I don't know why you are getting the idea i am ignoring the warnings?? I agree with everything you have advised. I am just asking questions, listening to the answers and processing the information. My company will pay me while I work, and won't if they get rid of me, that's fairly evident. But let's just say that I do a good job, and they sponsor me for a green card (which I assume is residency). If/when that is granted, am I free to to leave the company and continue working in the US for someone else


----------



## Bellthorpe (Jun 23, 2013)

Yes.


----------



## Tonyb111111 (Sep 2, 2015)

Thanks everyone for your help.


----------



## Bevdeforges (Nov 16, 2007)

twostep said:


> US labor law is extremely stringent. Just talk to someone in HR.
> 
> OP will depend on the employer until he and his family have Green Card status.


US Labor law is stringent on some things, but not on some of the "common" aspects of employment that most Europeans assume. Example: employment contracts are unusual other than for top level executives, there is no requirement to pay severance on termination of an employee, there is no requirement to grant employees vacation or holiday pay, no requirement to provide a pension plan other than the federal social security, etc. Granted, for various benefits, the employer is generally required to treat all levels of employees equitably.

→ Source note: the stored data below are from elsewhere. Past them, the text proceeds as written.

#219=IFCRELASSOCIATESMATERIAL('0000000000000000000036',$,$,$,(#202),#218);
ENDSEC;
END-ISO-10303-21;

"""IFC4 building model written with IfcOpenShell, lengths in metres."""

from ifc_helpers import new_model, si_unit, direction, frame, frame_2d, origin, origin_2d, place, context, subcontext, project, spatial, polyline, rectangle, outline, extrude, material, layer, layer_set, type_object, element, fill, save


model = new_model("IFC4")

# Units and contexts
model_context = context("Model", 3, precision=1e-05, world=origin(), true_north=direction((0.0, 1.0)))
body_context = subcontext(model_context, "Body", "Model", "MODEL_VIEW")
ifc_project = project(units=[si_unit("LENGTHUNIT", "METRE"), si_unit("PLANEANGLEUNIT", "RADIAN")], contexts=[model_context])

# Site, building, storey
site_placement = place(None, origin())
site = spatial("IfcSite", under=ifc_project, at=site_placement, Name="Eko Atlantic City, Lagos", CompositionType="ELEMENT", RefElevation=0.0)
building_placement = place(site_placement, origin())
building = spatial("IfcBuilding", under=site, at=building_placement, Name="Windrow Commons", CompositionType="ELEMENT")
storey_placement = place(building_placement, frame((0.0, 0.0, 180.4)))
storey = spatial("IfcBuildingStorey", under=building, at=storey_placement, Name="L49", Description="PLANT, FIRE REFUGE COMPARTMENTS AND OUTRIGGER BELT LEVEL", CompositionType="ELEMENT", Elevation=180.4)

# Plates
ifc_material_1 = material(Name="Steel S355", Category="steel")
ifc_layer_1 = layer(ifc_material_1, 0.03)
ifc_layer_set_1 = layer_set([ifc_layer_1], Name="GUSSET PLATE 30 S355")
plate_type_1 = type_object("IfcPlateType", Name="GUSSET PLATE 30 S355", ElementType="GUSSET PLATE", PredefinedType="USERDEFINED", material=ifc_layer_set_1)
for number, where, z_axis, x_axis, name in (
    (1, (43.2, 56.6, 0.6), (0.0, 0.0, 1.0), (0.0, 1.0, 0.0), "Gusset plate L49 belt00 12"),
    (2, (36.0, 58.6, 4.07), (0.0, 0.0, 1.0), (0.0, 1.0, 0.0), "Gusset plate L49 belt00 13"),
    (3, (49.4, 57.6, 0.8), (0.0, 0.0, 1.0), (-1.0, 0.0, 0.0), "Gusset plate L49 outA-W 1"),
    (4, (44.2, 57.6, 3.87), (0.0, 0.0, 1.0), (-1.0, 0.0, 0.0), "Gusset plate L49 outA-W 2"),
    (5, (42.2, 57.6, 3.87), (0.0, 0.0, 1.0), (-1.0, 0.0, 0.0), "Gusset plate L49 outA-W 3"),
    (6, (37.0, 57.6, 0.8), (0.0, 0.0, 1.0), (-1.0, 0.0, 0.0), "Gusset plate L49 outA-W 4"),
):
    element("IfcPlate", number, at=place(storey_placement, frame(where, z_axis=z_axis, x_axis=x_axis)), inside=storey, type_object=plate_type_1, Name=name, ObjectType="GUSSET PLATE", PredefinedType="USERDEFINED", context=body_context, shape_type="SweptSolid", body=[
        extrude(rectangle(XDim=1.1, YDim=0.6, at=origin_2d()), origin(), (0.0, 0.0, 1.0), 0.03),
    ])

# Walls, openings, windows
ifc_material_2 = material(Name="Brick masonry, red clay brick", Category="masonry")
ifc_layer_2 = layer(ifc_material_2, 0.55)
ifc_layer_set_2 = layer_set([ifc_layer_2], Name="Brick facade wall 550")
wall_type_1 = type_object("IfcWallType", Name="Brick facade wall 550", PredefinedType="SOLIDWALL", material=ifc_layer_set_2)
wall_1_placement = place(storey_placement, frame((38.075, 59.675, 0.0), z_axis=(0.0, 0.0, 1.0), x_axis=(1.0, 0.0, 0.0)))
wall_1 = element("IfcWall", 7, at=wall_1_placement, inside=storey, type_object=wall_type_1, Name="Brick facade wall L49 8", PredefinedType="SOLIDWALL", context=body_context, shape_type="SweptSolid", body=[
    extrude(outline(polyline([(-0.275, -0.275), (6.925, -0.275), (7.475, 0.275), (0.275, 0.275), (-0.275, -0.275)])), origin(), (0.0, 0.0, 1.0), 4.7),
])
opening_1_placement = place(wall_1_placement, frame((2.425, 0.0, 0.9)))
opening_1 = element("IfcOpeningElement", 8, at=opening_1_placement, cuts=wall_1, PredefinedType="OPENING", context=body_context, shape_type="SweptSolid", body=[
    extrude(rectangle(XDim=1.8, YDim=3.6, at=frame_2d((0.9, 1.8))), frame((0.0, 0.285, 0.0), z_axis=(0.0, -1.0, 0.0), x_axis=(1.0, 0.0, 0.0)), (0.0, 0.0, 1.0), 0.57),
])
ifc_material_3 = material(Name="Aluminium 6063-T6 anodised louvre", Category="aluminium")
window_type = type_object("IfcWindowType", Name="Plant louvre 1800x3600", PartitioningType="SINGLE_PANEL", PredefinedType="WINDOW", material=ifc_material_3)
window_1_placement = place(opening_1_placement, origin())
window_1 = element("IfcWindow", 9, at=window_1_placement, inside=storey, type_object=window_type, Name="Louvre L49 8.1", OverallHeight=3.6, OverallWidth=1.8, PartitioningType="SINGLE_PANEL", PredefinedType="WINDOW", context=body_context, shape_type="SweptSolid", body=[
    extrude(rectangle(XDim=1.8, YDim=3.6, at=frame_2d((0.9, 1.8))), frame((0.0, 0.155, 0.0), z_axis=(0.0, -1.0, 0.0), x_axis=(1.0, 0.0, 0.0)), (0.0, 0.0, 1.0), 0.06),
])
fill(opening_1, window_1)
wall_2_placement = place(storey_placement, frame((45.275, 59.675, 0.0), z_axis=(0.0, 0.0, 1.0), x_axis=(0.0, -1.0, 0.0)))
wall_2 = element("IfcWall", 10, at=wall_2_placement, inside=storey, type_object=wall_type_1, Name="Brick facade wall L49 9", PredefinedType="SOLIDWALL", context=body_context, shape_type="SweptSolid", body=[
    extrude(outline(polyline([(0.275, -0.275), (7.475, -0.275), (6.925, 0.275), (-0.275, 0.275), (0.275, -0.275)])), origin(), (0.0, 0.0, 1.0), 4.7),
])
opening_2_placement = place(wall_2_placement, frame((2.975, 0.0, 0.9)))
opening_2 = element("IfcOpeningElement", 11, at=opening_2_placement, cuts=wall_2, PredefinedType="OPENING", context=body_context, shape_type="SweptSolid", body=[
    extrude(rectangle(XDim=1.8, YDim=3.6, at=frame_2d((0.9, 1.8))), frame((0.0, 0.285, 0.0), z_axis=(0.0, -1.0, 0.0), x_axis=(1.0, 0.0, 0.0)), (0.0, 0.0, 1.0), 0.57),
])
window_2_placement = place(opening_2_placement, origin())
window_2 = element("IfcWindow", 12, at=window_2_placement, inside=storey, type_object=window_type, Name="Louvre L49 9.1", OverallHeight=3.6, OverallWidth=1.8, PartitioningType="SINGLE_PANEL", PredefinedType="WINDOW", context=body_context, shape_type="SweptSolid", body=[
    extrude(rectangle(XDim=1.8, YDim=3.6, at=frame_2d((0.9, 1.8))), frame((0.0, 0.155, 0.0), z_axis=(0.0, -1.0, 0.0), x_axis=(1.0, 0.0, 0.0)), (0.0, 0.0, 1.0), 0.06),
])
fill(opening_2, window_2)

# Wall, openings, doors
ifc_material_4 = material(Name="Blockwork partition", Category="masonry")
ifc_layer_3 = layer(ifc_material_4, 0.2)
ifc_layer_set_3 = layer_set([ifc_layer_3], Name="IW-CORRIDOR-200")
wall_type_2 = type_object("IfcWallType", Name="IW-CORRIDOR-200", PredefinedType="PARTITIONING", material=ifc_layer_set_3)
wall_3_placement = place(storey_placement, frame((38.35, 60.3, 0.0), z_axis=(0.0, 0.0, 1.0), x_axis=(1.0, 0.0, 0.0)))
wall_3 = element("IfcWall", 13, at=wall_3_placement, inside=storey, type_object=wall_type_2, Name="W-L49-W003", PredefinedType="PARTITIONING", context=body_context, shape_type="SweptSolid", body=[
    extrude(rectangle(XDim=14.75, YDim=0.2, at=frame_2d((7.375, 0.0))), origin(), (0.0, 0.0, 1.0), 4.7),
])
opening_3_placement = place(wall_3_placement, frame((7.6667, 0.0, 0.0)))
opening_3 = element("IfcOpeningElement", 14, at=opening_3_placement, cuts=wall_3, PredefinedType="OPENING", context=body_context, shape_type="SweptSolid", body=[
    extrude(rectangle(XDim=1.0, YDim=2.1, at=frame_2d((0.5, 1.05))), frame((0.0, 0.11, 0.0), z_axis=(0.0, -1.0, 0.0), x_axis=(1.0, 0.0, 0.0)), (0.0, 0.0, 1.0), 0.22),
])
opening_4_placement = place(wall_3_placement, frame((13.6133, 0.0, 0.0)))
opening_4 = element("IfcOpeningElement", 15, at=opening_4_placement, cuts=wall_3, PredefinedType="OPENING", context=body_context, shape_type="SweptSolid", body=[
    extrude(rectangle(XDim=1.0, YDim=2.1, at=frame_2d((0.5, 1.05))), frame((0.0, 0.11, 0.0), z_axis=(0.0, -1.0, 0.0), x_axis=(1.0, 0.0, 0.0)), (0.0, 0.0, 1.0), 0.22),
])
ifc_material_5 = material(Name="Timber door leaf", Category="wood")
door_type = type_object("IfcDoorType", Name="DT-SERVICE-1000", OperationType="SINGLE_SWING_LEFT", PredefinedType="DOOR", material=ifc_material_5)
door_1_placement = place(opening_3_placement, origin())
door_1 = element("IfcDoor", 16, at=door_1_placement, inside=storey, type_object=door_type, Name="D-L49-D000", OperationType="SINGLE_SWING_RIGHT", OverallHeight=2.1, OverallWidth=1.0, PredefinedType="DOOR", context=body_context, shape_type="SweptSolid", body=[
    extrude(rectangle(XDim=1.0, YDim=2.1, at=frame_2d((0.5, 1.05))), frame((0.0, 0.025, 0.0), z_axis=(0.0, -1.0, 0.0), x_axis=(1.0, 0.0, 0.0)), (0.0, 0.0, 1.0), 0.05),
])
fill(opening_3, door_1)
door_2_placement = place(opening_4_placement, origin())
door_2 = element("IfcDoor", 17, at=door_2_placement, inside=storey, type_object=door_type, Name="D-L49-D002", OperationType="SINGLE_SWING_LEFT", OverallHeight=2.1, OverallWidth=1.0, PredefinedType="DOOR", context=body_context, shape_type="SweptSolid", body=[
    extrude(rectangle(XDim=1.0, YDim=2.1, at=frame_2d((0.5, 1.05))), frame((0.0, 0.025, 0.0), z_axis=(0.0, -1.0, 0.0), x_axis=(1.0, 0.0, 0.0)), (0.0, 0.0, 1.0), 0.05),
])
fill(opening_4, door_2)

Once you've worked a while in Europe, the legal side of US employment can seem a bit threadbare.
Cheers,
Bev


----------



## Crawford (Jan 23, 2011)

Tonyb111111 said:


> I don't know why you are getting the idea i am ignoring the warnings?? I agree with everything you have advised. I am just asking questions, listening to the answers and processing the information. My company will pay me while I work, and won't if they get rid of me, that's fairly evident. But let's just say that I do a good job, and they sponsor me for a green card (which I assume is residency). If/when that is granted, am I free to to leave the company and continue working in the US for someone else


Once you have a Green card then, should you be laid off, you are free to stay in the US and get another job.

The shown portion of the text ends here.